My favorite example of why τ is the true circle constant is actually the equation A = 1/2 τ r^2. It fits the usual quadratic form and shows how circumference and area relate: c = dA/dr = τ r and so A = ∫ c dr = ∫ τ r dr = 1/2 τ r^2. At first glance those 1/2s seem superfluous and like it would be nicer to just have a 2 in the other terms, but the 1/2 shows that differentiation and integration with respect to r are happening, where the "1/2" and the "^2" anhialate each other on differentiation and then re-form on integration.

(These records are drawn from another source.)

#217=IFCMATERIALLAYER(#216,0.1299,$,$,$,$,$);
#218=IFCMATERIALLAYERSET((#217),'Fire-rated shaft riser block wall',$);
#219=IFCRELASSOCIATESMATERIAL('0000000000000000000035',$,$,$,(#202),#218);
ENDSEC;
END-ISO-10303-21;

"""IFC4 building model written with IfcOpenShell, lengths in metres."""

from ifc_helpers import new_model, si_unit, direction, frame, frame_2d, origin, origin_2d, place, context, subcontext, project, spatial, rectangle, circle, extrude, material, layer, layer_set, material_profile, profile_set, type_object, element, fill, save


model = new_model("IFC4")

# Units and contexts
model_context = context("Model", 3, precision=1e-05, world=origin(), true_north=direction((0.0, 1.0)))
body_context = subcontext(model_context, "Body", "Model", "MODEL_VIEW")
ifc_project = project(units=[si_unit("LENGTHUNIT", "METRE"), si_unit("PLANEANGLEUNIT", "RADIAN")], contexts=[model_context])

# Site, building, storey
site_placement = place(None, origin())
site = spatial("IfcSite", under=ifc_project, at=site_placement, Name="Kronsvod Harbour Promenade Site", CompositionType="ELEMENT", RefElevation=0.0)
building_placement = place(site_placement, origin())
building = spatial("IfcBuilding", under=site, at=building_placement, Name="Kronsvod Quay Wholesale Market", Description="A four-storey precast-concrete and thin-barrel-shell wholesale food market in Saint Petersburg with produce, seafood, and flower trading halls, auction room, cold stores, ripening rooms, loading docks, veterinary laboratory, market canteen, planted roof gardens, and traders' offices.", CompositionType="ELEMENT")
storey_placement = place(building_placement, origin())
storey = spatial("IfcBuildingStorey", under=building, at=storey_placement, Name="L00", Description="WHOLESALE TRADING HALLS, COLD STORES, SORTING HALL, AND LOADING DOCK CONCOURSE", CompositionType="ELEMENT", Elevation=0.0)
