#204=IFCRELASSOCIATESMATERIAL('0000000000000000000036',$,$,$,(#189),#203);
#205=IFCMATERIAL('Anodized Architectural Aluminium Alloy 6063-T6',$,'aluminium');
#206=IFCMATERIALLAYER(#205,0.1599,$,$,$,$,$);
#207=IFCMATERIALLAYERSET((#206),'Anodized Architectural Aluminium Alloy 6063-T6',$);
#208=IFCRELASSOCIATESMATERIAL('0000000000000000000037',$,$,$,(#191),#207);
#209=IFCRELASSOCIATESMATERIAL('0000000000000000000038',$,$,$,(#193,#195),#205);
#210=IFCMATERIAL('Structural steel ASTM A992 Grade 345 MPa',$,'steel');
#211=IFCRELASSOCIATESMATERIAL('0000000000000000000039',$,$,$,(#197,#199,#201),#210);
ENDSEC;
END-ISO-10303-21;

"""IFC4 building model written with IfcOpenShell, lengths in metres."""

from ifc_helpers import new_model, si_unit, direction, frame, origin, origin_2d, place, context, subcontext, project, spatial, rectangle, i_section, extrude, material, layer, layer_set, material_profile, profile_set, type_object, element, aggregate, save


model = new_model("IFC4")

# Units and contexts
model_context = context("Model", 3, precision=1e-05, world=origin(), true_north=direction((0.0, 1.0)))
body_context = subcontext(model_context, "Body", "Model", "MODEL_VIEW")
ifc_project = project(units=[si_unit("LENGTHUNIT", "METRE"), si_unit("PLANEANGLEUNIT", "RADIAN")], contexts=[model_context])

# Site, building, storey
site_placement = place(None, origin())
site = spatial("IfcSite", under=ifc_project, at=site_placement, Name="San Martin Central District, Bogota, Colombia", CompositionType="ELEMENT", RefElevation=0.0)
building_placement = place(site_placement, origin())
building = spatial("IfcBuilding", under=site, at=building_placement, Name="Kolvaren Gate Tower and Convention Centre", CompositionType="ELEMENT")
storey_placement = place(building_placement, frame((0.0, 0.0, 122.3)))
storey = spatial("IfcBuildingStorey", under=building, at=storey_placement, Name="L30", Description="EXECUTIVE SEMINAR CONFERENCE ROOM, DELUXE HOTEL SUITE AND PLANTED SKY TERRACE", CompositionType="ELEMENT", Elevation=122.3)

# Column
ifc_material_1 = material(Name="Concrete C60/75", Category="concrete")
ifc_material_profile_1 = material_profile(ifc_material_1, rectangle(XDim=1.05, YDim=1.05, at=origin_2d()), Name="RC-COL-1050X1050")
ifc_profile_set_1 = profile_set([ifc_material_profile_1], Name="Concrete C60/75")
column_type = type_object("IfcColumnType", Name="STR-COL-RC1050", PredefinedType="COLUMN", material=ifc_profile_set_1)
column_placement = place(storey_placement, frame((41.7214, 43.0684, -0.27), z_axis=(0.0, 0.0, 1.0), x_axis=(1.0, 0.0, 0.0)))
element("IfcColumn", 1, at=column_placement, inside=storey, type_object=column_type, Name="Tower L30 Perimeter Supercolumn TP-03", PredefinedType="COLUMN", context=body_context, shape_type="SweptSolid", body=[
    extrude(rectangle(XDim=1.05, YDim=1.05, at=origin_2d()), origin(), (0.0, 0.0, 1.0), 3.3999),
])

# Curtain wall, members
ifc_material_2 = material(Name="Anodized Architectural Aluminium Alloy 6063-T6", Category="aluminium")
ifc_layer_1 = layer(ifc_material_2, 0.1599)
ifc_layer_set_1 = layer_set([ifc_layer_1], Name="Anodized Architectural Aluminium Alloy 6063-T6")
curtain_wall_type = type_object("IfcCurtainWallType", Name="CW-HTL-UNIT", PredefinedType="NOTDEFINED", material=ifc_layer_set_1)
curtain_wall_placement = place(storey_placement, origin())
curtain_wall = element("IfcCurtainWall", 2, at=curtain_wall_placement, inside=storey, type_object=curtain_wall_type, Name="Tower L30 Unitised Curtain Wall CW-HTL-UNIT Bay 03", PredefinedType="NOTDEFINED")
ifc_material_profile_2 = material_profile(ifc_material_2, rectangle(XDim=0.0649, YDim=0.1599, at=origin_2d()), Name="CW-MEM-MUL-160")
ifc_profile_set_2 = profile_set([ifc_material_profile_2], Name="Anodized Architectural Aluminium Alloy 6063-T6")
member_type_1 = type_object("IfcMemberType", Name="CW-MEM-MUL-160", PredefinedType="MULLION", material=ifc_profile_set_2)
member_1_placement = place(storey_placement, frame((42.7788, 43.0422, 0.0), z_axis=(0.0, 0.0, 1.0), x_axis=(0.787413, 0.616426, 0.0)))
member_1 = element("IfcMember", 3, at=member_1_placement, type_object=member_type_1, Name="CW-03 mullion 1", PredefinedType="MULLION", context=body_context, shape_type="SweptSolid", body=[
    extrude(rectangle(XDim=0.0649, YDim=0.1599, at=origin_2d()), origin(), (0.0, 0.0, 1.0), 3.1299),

Reminds me of Taylor series. The factorial terms eluded me for so long until I realized it was a cancelling factor for accumulated derivation of polynomials. Now there's this link in my mind between powers / derivation / factorials.
What polynomials are being derived, and from what premises? Are you thinking of how to derive series solutions to differential equations or something? I'm unclear on what you're getting at here.

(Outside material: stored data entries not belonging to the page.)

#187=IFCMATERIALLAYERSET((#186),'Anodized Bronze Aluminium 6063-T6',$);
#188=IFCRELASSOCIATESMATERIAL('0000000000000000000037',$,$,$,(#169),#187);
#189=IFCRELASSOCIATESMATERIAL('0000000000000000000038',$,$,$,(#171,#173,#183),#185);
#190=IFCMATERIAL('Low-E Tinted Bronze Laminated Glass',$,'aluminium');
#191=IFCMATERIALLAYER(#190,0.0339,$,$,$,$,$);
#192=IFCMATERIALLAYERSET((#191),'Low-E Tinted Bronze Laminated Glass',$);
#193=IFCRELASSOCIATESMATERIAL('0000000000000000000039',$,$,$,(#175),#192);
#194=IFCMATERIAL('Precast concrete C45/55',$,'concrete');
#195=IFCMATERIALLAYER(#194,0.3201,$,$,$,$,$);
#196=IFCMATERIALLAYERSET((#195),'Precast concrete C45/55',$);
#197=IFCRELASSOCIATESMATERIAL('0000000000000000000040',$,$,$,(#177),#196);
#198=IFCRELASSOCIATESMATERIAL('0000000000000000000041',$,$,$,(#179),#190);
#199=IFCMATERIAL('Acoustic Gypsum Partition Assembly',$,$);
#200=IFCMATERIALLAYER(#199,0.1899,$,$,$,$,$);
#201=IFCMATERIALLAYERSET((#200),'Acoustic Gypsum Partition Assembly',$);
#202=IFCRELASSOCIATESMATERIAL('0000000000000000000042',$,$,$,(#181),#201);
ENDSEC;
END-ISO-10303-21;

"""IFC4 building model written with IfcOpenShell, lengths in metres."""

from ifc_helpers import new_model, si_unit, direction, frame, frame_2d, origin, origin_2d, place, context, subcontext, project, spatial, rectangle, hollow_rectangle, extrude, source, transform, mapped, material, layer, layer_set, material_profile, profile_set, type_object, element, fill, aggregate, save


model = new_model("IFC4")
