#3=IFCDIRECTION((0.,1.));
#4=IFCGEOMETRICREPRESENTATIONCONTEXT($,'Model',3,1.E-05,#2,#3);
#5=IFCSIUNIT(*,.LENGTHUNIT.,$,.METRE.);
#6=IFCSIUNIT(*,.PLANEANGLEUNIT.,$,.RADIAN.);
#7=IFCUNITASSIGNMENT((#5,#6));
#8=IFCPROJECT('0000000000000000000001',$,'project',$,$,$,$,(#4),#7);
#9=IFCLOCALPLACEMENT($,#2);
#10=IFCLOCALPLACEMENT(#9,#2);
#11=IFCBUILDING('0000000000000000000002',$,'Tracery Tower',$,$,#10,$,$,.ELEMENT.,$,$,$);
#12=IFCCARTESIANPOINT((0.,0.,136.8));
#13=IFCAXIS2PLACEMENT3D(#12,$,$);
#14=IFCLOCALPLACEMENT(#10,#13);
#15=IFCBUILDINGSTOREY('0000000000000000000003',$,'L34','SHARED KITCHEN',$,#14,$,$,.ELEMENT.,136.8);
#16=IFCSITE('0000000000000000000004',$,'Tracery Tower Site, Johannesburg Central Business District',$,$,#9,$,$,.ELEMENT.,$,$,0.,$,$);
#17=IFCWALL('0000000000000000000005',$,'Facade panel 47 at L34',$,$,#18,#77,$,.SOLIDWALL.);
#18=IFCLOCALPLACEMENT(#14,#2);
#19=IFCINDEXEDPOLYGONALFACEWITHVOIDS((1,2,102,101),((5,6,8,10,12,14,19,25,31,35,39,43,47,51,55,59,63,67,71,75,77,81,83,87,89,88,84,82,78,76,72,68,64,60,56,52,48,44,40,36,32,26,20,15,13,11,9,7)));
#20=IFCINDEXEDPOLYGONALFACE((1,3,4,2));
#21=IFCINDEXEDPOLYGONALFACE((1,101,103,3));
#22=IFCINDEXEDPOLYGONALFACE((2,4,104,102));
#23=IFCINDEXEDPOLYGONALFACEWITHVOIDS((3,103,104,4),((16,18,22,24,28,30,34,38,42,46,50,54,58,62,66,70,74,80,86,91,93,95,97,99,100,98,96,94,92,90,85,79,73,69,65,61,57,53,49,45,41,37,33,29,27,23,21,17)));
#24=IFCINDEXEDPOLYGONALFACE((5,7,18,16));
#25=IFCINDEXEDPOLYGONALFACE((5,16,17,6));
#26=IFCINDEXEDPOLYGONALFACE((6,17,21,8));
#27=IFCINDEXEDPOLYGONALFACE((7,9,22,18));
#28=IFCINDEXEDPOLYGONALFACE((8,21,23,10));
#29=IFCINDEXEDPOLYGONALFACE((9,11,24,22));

(Or, oh: did you mean "differentiation" when you said "derivation"? That would fit what you've said. Sorry for the pedantic post; I'll just leave this here in case anyone else is confused.)
Sorry for the fuzzy vocabulary. TBH I wasn't even convinced I understood taylor series correctly. A quick search on wikipedia hint at that derivation is used sometimes; derivative; differentiation etc etc.
About the point:
d(n)(x^n.dx)
= n d(n-1)(x^(n-1).dx)
= (n * (n-1 * (...)))
= n! * x
hence the 1/n! term.